除了這些不差錢的大佬,另外還有一些德高望重的領導們,他們從古老爺子、金老、辛老等人的關系處打聽過來,表示愿意多付錢也想盡快看病。
他們已經盡力去搶號,可一天就一百個號,縱然提前放出七天的號,他們也根本搶不到,想花錢買號也沒人愿意出,讓去門口守一天他們也沒時間,只能試試砸錢了。
因為護著白蘇的人太多了,他們都不敢胡來,所以都說得很委婉。
白蘇一開始只想著檀越、辛老、王婆婆他們的朋友可以幫忙看看,只是幾個也耽擱不了多長時間,但有一就有二,后面托關系的越來越多。
給這個看了不給另一個看又不太好,不勝其煩的她最終決定開一個號,每天十個,掛號費十萬,早上八點前在醫館后面的精致單人間病房里幫他們看診。
之后白蘇明面上就不再幫托關系的人看診,直接指路號,高昂的掛號費嚇跑了一些病情不嚴重卻想攀關系的人,剩下的病情嚴重、或是不缺錢急需看診的病人也多了一線機會。
雖然減少了攀關系的病人,但門外等著的病人還是極多,甚至還有為了搶占位置、直接在屋檐下打地鋪、排隊求治的癌癥病人家屬。
白蘇擔心大家生病,“夜里很冷的,你們還是找地方住吧。”
“我們定了住處的,待會兒也有人來輪換。”病人家屬搓著手,不好意思的笑了笑,“我們實在是搶不到號,只能排你傍晚額外單獨加的號了。”
白蘇看大家不愿意離開,輕輕嘆了口氣,回屋讓何信煮了姜棗茶出來,另外再放了幾個取暖器在外面,以免凍病了。
然后還難得的主動聯系了趙教授,希望趙教授那邊能盡快實驗出結果,但聯系趙教授后,得知還要等過完年之后才能有拿到最準確的數據結果。
“離過年還有半個月,應該快了。”白蘇輕聲感慨,“等確認有用后大面積使用,大家也不用這么著急熬夜排隊。”

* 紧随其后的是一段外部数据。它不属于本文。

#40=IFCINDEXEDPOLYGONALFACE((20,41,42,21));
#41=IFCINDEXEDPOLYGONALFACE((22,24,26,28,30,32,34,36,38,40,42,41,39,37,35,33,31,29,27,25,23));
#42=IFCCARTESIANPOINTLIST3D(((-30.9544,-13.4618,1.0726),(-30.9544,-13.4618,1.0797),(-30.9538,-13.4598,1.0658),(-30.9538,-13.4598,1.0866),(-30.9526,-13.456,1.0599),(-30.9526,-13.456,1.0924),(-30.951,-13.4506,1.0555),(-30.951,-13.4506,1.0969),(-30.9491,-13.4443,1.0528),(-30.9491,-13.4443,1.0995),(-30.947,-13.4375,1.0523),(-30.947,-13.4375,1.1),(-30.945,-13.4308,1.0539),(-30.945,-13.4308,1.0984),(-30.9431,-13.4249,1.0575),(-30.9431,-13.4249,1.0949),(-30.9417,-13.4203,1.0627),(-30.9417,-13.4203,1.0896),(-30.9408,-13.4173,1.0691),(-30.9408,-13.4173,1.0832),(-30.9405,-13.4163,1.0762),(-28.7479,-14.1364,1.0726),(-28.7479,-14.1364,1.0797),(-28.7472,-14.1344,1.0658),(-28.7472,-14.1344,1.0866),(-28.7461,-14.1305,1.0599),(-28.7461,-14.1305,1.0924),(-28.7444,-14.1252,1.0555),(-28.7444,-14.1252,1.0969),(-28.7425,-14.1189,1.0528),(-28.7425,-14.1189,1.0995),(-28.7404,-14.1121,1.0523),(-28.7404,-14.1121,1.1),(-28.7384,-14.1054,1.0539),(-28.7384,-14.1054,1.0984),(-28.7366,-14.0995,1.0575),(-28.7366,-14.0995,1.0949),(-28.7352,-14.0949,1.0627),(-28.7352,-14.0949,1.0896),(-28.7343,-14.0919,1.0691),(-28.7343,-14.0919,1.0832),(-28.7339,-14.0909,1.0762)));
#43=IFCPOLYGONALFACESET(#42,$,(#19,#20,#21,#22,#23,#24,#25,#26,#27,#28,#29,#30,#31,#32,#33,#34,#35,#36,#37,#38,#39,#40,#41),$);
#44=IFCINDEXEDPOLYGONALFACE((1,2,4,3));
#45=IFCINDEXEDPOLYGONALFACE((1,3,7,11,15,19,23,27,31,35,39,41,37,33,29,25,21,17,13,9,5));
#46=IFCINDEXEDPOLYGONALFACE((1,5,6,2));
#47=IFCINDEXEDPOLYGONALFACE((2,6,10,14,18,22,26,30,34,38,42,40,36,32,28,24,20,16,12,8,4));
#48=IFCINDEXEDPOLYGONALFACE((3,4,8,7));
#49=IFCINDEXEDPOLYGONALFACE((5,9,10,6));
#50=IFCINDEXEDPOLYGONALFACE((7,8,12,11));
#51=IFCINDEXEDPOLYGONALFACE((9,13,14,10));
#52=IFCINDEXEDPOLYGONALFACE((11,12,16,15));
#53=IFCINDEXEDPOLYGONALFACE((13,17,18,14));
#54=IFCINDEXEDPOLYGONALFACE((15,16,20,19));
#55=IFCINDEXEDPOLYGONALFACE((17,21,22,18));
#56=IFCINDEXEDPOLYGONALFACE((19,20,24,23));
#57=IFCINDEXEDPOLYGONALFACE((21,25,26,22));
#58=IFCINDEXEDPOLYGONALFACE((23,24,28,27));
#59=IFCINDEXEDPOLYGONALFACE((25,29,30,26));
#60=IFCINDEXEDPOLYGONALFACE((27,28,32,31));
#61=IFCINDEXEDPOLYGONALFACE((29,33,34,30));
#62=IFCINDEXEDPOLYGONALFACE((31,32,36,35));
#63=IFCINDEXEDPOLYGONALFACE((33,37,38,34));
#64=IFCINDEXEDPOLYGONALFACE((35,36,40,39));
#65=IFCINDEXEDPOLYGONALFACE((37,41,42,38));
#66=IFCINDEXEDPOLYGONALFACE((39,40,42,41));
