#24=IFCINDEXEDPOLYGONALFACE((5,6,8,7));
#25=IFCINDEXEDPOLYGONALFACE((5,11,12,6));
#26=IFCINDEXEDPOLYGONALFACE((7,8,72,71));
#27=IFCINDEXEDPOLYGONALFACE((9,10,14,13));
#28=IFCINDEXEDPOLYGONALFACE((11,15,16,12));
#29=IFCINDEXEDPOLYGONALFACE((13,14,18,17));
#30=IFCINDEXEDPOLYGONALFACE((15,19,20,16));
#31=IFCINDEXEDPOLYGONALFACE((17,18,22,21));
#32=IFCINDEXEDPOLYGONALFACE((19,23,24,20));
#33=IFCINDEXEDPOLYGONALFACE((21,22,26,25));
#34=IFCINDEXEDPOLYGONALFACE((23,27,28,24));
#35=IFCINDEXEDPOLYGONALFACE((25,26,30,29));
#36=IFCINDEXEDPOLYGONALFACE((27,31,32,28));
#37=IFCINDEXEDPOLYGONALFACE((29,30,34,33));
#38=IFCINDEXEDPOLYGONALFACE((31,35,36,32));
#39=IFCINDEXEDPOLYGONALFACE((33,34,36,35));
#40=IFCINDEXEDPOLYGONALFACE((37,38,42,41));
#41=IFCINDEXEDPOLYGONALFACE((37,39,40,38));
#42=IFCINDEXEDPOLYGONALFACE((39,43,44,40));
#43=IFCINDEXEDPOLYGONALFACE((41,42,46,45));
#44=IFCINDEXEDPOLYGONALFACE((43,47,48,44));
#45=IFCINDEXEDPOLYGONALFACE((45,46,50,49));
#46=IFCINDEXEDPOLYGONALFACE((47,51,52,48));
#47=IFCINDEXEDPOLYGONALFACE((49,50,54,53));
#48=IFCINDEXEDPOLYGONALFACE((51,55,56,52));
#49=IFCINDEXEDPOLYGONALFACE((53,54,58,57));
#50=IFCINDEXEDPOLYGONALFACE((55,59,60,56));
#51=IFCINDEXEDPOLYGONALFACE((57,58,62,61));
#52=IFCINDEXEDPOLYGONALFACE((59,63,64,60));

聽著外面許多病人家屬熬夜排隊,檀越摩挲了下手指,“我明日幫你看診吧。”
白蘇詫異看著工作很忙的師兄,“師兄,你工作處理完了”
檀越頷首“差不多處理好了。”
“那明天就去早點看完讓他們都早些回家過年。”白蘇確認不耽擱檀越的事情后,立即應下來,生怕說慢了壯丁就又跑了。
檀越抬手揉了揉她的頭,“放心,我不跑。”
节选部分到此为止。